Pêche dans le Léman : toujours moins de féras mais plus de perches

Les pêcheurs professionnels se tournent vers la perche pour maintenir leur activité.
Les pêcheurs professionnels se tournent vers la perche pour maintenir leur activité.

Quand les chiffres confirment les discours. Voilà plusieurs années que les pêcheurs du lac alertent sur la diminution des prises de poisson, principalement de la féra. Le bilan réalisé par la commission franco-suisse du Léman confirme cet état des lieux.

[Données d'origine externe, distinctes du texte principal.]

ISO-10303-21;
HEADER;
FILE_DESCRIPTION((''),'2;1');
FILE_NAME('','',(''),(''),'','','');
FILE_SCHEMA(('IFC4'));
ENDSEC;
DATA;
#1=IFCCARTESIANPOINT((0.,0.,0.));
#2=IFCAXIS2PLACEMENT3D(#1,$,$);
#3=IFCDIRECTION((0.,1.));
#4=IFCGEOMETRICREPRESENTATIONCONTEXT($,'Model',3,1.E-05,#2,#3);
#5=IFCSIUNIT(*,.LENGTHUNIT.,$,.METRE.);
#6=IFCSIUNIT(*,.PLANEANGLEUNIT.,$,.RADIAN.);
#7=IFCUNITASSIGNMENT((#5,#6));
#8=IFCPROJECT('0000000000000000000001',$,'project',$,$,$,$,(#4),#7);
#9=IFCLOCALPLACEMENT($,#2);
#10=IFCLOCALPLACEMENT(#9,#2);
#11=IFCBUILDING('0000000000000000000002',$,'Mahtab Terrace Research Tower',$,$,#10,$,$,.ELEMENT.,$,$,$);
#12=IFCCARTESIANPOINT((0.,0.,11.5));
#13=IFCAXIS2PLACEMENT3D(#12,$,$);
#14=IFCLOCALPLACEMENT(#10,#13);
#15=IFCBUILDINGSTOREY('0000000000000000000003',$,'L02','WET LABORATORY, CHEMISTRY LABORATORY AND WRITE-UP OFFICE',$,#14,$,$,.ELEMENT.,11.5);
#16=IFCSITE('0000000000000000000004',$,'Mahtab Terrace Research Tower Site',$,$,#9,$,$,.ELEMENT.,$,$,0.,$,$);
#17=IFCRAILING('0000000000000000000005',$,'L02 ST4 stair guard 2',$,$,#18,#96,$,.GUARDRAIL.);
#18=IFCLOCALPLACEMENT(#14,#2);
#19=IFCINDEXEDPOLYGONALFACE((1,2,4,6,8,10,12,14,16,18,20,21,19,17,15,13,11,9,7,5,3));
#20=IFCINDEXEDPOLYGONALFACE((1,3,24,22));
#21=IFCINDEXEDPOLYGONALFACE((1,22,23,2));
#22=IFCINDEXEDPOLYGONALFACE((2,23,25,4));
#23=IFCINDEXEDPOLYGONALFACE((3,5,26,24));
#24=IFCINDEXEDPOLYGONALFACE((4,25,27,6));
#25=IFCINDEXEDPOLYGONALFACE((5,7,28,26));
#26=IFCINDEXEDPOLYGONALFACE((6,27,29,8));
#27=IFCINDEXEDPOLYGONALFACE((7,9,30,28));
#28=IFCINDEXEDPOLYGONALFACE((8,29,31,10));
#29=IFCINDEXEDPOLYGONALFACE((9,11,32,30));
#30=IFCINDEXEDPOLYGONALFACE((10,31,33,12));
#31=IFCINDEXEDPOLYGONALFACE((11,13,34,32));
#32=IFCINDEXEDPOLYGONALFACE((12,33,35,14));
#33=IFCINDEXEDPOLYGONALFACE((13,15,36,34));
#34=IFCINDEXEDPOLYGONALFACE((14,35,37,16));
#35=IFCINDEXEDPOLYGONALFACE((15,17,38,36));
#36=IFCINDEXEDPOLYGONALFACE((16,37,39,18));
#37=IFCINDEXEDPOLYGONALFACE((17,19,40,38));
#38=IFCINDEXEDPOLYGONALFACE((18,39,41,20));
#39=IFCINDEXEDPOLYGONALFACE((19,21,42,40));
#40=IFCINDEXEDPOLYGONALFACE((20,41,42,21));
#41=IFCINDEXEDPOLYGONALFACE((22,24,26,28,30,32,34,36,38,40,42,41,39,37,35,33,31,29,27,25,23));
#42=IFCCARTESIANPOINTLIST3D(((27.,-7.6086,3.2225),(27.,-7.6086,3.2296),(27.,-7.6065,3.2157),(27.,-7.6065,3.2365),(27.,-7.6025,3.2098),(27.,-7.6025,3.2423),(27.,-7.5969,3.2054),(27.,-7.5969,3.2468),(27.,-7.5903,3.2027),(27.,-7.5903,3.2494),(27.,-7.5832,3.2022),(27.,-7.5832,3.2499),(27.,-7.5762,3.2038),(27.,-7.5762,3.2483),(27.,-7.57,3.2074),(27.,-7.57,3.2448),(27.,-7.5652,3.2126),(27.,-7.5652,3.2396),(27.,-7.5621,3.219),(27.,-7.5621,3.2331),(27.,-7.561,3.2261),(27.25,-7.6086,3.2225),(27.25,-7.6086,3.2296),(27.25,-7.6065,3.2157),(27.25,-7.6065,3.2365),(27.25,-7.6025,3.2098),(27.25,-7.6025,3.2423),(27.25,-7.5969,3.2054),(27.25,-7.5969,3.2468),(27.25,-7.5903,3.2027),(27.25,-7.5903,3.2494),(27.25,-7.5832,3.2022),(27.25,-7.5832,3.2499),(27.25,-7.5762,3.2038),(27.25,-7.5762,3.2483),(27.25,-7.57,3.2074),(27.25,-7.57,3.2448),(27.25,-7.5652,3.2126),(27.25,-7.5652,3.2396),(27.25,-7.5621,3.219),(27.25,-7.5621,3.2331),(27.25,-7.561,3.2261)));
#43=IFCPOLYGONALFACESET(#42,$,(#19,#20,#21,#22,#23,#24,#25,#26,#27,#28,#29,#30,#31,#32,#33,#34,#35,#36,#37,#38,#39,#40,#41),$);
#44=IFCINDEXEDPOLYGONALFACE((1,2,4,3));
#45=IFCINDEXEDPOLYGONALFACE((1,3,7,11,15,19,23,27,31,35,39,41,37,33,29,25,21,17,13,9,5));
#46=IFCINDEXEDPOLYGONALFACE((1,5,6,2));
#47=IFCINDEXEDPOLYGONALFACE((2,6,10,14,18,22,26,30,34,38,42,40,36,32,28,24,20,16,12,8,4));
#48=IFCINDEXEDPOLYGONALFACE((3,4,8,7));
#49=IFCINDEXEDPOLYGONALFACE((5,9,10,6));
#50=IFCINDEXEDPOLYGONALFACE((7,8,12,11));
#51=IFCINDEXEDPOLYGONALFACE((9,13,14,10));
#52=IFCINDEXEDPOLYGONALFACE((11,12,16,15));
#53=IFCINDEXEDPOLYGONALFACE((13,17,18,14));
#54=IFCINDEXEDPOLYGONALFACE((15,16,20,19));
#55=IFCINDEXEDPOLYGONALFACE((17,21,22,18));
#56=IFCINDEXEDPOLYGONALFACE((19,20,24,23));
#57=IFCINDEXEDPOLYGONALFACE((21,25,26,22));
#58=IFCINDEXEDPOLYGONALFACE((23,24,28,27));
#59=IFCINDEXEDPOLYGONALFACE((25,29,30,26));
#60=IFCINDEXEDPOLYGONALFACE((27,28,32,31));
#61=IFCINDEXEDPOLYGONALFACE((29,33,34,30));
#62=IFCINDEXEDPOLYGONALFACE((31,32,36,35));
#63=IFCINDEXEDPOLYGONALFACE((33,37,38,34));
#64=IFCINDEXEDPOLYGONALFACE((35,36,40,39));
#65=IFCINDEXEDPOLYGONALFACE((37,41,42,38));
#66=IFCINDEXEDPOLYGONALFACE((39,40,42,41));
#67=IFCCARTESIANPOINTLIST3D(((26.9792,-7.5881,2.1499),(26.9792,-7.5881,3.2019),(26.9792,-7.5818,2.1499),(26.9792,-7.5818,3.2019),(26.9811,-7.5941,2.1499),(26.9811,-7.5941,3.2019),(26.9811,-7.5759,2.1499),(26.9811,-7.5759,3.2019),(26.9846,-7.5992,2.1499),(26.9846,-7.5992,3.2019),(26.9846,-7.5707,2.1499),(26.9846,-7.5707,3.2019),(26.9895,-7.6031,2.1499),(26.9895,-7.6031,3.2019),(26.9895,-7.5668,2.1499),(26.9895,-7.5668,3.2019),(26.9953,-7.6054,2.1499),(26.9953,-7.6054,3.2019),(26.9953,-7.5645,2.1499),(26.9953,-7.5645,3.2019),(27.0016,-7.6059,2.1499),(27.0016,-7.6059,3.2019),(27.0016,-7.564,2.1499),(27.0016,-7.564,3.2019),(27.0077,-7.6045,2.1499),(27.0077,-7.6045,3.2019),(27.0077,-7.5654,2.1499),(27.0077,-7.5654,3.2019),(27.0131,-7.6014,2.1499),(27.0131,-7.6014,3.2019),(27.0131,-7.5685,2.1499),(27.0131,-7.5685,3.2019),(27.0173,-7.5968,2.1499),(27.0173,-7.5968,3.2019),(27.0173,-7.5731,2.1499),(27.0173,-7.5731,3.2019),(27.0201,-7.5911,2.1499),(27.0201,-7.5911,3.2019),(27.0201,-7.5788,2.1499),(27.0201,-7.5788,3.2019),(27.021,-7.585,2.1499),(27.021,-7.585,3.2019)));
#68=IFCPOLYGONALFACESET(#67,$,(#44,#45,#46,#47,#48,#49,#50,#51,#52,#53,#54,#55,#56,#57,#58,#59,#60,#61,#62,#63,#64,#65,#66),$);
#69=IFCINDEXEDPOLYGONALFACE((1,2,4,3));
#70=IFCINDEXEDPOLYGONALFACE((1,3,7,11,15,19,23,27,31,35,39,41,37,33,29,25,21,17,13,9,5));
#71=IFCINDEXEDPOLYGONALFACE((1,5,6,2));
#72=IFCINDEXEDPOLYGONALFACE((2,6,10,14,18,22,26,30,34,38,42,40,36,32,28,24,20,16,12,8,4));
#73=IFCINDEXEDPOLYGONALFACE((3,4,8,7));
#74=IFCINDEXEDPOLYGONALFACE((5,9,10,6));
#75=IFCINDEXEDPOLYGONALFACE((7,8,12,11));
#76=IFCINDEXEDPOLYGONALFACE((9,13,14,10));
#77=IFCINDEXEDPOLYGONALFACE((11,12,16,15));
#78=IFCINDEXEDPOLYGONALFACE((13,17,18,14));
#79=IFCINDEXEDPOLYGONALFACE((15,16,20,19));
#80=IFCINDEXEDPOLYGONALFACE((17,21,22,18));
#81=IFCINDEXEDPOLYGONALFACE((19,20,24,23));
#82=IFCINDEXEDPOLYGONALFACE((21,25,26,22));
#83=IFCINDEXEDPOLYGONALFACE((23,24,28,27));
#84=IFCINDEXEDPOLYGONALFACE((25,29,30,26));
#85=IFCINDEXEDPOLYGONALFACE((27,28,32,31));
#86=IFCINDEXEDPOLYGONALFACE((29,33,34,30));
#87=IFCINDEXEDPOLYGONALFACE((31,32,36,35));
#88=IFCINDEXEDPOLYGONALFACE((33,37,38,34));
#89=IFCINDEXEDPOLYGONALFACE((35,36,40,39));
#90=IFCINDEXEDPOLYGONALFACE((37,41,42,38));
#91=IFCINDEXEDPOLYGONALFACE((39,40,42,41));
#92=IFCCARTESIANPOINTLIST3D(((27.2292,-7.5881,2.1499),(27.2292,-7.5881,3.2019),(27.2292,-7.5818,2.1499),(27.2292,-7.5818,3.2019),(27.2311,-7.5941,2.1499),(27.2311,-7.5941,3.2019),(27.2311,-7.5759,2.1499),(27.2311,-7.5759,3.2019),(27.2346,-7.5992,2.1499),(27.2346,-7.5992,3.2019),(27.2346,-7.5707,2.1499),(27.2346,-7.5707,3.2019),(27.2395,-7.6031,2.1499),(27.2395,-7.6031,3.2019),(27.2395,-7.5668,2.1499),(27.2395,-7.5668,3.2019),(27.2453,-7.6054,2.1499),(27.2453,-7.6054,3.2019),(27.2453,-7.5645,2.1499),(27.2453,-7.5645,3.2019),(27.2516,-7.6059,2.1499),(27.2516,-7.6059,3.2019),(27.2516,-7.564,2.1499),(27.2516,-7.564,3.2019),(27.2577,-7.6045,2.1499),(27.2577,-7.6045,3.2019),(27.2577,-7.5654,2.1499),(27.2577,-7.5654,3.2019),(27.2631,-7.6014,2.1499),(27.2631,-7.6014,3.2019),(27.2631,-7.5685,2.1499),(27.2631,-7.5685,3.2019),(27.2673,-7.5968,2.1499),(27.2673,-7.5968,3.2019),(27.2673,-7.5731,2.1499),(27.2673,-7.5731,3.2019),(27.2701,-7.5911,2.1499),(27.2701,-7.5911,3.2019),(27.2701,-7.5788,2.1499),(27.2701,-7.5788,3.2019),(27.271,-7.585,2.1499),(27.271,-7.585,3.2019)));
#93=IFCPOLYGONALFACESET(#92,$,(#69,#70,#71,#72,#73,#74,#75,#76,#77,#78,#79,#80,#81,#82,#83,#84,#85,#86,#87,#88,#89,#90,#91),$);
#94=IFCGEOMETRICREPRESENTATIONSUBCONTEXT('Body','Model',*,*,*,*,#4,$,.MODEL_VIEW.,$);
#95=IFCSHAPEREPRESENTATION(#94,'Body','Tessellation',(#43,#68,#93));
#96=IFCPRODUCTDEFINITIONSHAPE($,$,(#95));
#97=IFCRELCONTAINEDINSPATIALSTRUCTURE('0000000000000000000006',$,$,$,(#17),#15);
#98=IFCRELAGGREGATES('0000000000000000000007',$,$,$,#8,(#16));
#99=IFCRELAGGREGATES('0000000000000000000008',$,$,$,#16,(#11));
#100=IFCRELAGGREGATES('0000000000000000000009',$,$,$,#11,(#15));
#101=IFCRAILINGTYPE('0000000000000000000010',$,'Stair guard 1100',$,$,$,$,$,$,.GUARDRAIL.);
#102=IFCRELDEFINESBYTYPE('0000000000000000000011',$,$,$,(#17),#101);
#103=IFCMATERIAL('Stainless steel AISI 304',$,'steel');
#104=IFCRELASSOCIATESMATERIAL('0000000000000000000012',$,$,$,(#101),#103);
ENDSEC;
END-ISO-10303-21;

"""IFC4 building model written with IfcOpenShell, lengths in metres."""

from ifc_helpers import new_model, si_unit, direction, frame, origin, origin_2d, place, context, subcontext, project, spatial, circle, extrude, material, type_object, element, save


model = new_model("IFC4")

# Units and contexts
model_context = context("Model", 3, precision=1e-05, world=origin(), true_north=direction((0.0, 1.0)))
body_context = subcontext(model_context, "Body", "Model", "MODEL_VIEW")
ifc_project = project(units=[si_unit("LENGTHUNIT", "METRE"), si_unit("PLANEANGLEUNIT", "RADIAN")], contexts=[model_context])

# Site, building, storey
site_placement = place(None, origin())
site = spatial("IfcSite", under=ifc_project, at=site_placement, Name="Mahtab Terrace Research Tower Site", CompositionType="ELEMENT", RefElevation=0.0)
building_placement = place(site_placement, origin())
building = spatial("IfcBuilding", under=site, at=building_placement, Name="Mahtab Terrace Research Tower", CompositionType="ELEMENT")
storey_placement = place(building_placement, frame((0.0, 0.0, 11.5)))
storey = spatial("IfcBuildingStorey", under=building, at=storey_placement, Name="L02", Description="WET LABORATORY, CHEMISTRY LABORATORY AND WRITE-UP OFFICE", CompositionType="ELEMENT", Elevation=11.5)

# Shared definitions
ifc_material_1 = material(Name="Stainless steel AISI 304", Category="steel")

# Railing
railing_type_1 = type_object("IfcRailingType", Name="Stair guard 1100", PredefinedType="GUARDRAIL", material=ifc_material_1)
railing_1_placement = place(storey_placement, frame((27.0, -7.585, 2.1499)))
element("IfcRailing", 1, at=railing_1_placement, inside=storey, type_object=railing_type_1, Name="L02 ST4 stair guard 2", PredefinedType="GUARDRAIL", context=body_context, shape_type="SweptSolid", body=[
    extrude(circle(Radius=0.0239, at=origin_2d()), frame((0.0, 0.0, 1.0762), z_axis=(1.0, 0.0, 0.0), x_axis=(0.0, 1.0, 0.0)), (0.0, 0.0, 1.0), 0.25),
    extrude(circle(Radius=0.021, at=origin_2d()), origin(), (0.0, 0.0, 1.0), 1.052),
    extrude(circle(Radius=0.021, at=origin_2d()), frame((0.25, 0.0, 0.0)), (0.0, 0.0, 1.0), 1.052),
])

save(model, "model.ifc")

Ainsi, pour la sixième année consécutive, le rendement global est de nouveau à la baisse avec 525 tonnes de poissons pêchés en 2019 contre 686 tonnes en 2018. La chute fait encore plus mal en comparaison avec l’année référence de 2015 où le résultat était de 1145 tonnes, soit plus de la moitié. Outre les statistiques des 130 pêcheurs professionnels des deux rives du Léman, sont comptabilisées les prises des amateurs, 6708 permis annuels de pêche de loisirs, preuve de l’intérêt de cette activité au sein du grand public.

Dans le détail, les chiffres de la féra sont les plus impressionnants. Sa pêche diminue pour la cinquième année consécutive. Elle est même en recul de 85 % par rapport à cette année particulière qu’a été 2015  : 120 tonnes en 2019 contre 835 il y a quatre ans en arrière. La capture de féra pourrait cependant repartir à la hausse comme semble l’indiquer un bilan intermédiaire réalisé en 2020.

La perche en compensation

A l’inverse, les résultats de la pêche de l’autre poisson emblématique du lac, la perche, poursuit son augmentation. La principale hypothèse de la commission internationale de la pêche dans le Léman est que les professionnels « ont transféré l’effort de pêche sur cette espèce pour compenser la chute de capture des féras ». Ainsi, en 2019, le tonnage de perches a progressé pour la troisième année de suite pour s’établir à 288 tonnes contre 279 l’année précédente. Concernant les autres espèces, la tendance est également à la baisse pour le brochet, l’omble-chevalier ou encore les écrevisses signal. Seule la truite connaît une légère hausse de 725 kilos par rapport à 2018.